The expression `SET enable_seqscan TO off;‘ is here for forcing usage of defined indices.

The second procedure setZIndex(Bigint, Smallint) sets zindex of polygons and it is recursive. We pass the container id (NULL if there is no container) and the current zindex as arguments to it.

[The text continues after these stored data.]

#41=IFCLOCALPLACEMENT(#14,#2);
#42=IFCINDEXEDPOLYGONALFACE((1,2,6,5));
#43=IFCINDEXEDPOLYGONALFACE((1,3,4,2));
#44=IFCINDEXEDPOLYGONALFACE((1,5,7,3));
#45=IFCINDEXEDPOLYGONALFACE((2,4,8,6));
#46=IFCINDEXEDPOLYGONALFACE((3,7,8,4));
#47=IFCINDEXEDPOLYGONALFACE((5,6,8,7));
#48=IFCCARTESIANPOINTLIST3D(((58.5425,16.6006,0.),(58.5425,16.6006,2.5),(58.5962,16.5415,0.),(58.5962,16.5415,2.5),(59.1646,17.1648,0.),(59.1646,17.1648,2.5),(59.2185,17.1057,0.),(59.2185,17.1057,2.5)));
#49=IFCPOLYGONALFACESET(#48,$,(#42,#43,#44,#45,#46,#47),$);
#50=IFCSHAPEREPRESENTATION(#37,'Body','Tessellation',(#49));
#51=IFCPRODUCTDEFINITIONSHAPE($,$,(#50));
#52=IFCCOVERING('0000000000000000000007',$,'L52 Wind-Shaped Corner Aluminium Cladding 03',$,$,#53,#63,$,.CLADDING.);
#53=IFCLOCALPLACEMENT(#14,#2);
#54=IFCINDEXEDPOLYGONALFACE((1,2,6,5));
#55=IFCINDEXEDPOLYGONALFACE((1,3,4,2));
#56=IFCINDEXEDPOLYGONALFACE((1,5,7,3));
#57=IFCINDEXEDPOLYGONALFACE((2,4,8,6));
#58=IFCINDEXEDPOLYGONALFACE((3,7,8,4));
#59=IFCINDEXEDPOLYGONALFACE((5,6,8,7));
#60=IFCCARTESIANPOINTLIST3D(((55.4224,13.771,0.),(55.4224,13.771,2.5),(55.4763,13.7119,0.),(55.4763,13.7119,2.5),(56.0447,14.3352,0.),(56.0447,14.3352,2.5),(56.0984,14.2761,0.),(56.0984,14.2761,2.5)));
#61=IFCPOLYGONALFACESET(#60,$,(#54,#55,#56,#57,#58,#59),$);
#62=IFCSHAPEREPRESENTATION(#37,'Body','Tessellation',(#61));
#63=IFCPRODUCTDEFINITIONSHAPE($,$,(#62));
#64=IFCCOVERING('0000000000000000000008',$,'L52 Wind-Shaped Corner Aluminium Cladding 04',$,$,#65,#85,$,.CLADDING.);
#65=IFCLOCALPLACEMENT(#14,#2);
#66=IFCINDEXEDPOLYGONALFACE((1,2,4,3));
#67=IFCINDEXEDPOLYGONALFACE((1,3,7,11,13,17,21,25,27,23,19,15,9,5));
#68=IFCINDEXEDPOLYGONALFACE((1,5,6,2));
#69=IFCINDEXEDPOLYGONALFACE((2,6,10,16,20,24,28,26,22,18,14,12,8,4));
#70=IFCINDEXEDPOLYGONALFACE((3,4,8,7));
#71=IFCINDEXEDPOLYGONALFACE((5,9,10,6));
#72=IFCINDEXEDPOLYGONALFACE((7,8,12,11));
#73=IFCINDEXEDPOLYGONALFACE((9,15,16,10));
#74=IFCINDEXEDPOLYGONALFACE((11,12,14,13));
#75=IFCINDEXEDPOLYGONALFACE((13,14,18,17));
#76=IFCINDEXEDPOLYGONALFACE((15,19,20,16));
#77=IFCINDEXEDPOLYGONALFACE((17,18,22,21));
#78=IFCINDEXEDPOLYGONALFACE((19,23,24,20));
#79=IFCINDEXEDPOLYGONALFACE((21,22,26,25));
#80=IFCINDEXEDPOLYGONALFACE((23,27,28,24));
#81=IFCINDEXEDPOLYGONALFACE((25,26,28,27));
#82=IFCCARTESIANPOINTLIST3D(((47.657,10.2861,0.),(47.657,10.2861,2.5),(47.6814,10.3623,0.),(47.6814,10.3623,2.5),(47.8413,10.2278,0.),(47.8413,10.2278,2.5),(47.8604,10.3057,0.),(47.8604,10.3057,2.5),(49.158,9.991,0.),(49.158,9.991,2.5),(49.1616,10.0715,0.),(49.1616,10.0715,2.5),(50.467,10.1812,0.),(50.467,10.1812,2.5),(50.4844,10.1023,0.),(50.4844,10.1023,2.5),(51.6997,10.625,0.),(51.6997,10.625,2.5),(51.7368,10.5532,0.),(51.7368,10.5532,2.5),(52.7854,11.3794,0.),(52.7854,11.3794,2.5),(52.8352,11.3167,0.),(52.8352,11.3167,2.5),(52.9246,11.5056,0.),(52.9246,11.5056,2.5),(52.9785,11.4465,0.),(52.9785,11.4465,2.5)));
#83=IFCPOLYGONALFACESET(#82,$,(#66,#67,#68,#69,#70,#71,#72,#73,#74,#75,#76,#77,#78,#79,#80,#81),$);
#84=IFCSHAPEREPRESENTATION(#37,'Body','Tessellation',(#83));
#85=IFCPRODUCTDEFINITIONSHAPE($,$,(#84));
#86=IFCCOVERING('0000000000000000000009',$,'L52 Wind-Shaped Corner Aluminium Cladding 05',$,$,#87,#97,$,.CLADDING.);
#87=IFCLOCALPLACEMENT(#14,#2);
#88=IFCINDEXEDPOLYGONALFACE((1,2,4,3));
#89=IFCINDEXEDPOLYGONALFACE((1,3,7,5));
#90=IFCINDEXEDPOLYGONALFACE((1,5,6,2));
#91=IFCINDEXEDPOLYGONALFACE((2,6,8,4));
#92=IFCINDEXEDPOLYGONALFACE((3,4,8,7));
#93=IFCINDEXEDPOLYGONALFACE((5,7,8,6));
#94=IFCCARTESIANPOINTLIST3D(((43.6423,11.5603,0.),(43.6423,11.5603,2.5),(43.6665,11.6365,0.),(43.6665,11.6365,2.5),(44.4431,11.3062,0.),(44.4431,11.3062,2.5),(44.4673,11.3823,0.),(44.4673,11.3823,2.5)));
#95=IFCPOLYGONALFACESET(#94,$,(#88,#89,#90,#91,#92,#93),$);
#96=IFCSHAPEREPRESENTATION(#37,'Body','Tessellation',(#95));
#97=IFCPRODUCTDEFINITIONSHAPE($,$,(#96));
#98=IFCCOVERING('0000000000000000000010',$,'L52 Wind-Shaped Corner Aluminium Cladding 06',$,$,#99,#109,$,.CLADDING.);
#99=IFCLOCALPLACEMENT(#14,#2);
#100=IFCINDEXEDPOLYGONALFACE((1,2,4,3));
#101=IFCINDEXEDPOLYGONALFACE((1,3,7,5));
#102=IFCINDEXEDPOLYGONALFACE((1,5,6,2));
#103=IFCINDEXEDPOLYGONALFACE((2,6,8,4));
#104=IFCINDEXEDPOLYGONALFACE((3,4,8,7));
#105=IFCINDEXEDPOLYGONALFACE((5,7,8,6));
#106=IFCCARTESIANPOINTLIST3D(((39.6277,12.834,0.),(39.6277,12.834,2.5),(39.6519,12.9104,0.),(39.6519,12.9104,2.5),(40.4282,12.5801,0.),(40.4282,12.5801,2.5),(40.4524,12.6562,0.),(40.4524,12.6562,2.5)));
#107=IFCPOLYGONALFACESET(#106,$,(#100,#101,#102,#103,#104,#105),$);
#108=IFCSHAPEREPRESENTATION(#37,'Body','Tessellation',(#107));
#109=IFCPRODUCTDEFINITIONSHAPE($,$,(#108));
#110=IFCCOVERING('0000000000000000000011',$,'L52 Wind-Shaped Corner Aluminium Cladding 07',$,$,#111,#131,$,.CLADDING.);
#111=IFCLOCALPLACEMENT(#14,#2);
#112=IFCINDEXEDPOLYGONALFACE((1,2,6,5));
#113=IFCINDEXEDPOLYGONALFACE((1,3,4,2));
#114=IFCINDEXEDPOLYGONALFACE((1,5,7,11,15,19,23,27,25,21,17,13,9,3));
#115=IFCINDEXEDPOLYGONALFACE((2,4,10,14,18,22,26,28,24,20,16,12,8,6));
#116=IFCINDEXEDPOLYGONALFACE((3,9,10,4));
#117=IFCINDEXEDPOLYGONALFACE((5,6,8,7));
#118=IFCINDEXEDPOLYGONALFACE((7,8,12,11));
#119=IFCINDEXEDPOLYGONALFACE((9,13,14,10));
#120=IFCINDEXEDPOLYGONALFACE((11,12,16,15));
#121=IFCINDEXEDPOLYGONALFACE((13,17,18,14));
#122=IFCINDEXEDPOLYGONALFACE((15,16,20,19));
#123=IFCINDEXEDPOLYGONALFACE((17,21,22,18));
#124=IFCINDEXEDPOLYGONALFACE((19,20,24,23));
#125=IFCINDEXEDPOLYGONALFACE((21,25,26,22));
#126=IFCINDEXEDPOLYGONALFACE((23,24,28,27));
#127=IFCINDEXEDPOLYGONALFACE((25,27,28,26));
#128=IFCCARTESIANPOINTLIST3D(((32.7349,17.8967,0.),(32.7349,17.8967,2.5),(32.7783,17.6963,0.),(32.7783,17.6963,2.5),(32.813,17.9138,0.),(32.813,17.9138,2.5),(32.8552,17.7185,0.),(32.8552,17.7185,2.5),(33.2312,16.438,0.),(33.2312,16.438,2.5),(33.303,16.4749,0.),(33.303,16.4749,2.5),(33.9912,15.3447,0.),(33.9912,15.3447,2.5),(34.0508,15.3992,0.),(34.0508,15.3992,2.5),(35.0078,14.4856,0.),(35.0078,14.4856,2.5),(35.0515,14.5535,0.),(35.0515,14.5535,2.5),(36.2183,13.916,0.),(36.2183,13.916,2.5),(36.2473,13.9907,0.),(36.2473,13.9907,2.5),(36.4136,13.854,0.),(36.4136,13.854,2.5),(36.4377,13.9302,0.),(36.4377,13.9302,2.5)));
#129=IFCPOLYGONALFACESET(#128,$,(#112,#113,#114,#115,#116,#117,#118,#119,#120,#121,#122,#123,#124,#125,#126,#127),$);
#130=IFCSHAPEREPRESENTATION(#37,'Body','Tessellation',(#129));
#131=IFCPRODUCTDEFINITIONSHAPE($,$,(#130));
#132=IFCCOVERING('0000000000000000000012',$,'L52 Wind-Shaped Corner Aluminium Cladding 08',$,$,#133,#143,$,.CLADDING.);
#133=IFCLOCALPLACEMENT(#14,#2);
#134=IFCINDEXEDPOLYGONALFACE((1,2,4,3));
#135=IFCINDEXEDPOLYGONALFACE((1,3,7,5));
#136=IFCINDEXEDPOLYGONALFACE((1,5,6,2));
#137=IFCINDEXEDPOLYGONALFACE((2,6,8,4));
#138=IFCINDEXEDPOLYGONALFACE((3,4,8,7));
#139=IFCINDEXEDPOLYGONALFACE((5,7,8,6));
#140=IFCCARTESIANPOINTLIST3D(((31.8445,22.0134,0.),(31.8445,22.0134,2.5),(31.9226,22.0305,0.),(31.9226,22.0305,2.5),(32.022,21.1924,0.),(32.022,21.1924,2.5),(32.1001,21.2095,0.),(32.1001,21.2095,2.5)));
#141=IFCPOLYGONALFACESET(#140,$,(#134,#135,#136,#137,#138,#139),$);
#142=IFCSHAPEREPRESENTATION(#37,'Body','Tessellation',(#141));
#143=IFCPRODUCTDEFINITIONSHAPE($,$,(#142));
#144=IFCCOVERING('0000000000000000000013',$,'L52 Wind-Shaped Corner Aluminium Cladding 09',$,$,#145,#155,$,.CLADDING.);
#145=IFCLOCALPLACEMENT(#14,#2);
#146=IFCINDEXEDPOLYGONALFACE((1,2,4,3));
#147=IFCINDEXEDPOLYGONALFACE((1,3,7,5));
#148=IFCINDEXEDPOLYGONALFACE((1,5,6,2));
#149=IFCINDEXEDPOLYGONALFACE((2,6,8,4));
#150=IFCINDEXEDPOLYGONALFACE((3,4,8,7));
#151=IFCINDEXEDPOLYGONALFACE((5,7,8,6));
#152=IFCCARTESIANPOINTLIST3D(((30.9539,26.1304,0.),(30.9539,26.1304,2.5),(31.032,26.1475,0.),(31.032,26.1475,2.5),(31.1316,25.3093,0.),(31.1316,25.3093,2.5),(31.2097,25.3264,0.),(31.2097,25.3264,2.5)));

CREATE OR REPLACE FUNCTION setZIndex(pfid Bigint, zindex Smallint)
RETURNS Void AS \$proc\$
DECLARE
feat record;
curs refcursor;
BEGIN
IF pfid IS NULL THEN
OPEN curs NO SCROLL FOR
SELECT fid FROM polygons AS f
WHERE f.pfid IS NULL;
ELSE
OPEN curs NO SCROLL FOR
SELECT fid FROM polygons AS f
WHERE f.pfid=setZIndex.pfid;
END IF;
<<curs_loop>>
WHILE TRUE LOOP
FETCH NEXT FROM curs INTO feat;
PERFORM setZIndex(feat.fid, zindex+1::Smallint);
UPDATE polygons SET
zindex = setZIndex.zindex
WHERE CURRENT OF curs;
END LOOP curs_loop;
END;
\$proc\$ LANGUAGE plpgsql;

At the very beginning, one of the two applicable cursors is selected depending on the container id value. Inside the loop, the procedure is called again for those polygons whose container is current polygon. zindex value is increased by one on every recursive call.

Let’s execute this code.

INSERT INTO polygons (fid, geom) VALUES (1, ST_GeomFromText(
'POLYGON((0 0,100 0,100 100,0 100,0 0))',3785));
INSERT INTO polygons (fid, geom) VALUES (2, ST_GeomFromText(
'POLYGON((150 0,200 0,200 50,150 50,150 0))',3785));
INSERT INTO polygons (fid, geom) VALUES (3, ST_GeomFromText(
'POLYGON((20 20,80 20,80 80,20 80,20 20))',3785));
INSERT INTO polygons (fid, geom) VALUES (4, ST_GeomFromText(
'POLYGON((40 40,60 40,60 60,40 60,40 40))',3785));
UPDATE polygons SET area=ST_Area(geom);
SELECT arrangePolygons();
SELECT setZIndex(NULL::Bigint,0::Smallint);
SELECT fid, pfid, area, zindex FROM polygons;

We should get following results.

fid pfid area zindex
2 2500 0
4 3 400 2
3 1 3600 1
1 10000 0

The pfid column gives us the container id, the value in the column zindex shows to us the type of the polygon object: if the value is even then it is the land coastline, otherwise it is the lake shore.

Zero value corresponds to the isolated polygons: continents or oceanic islands.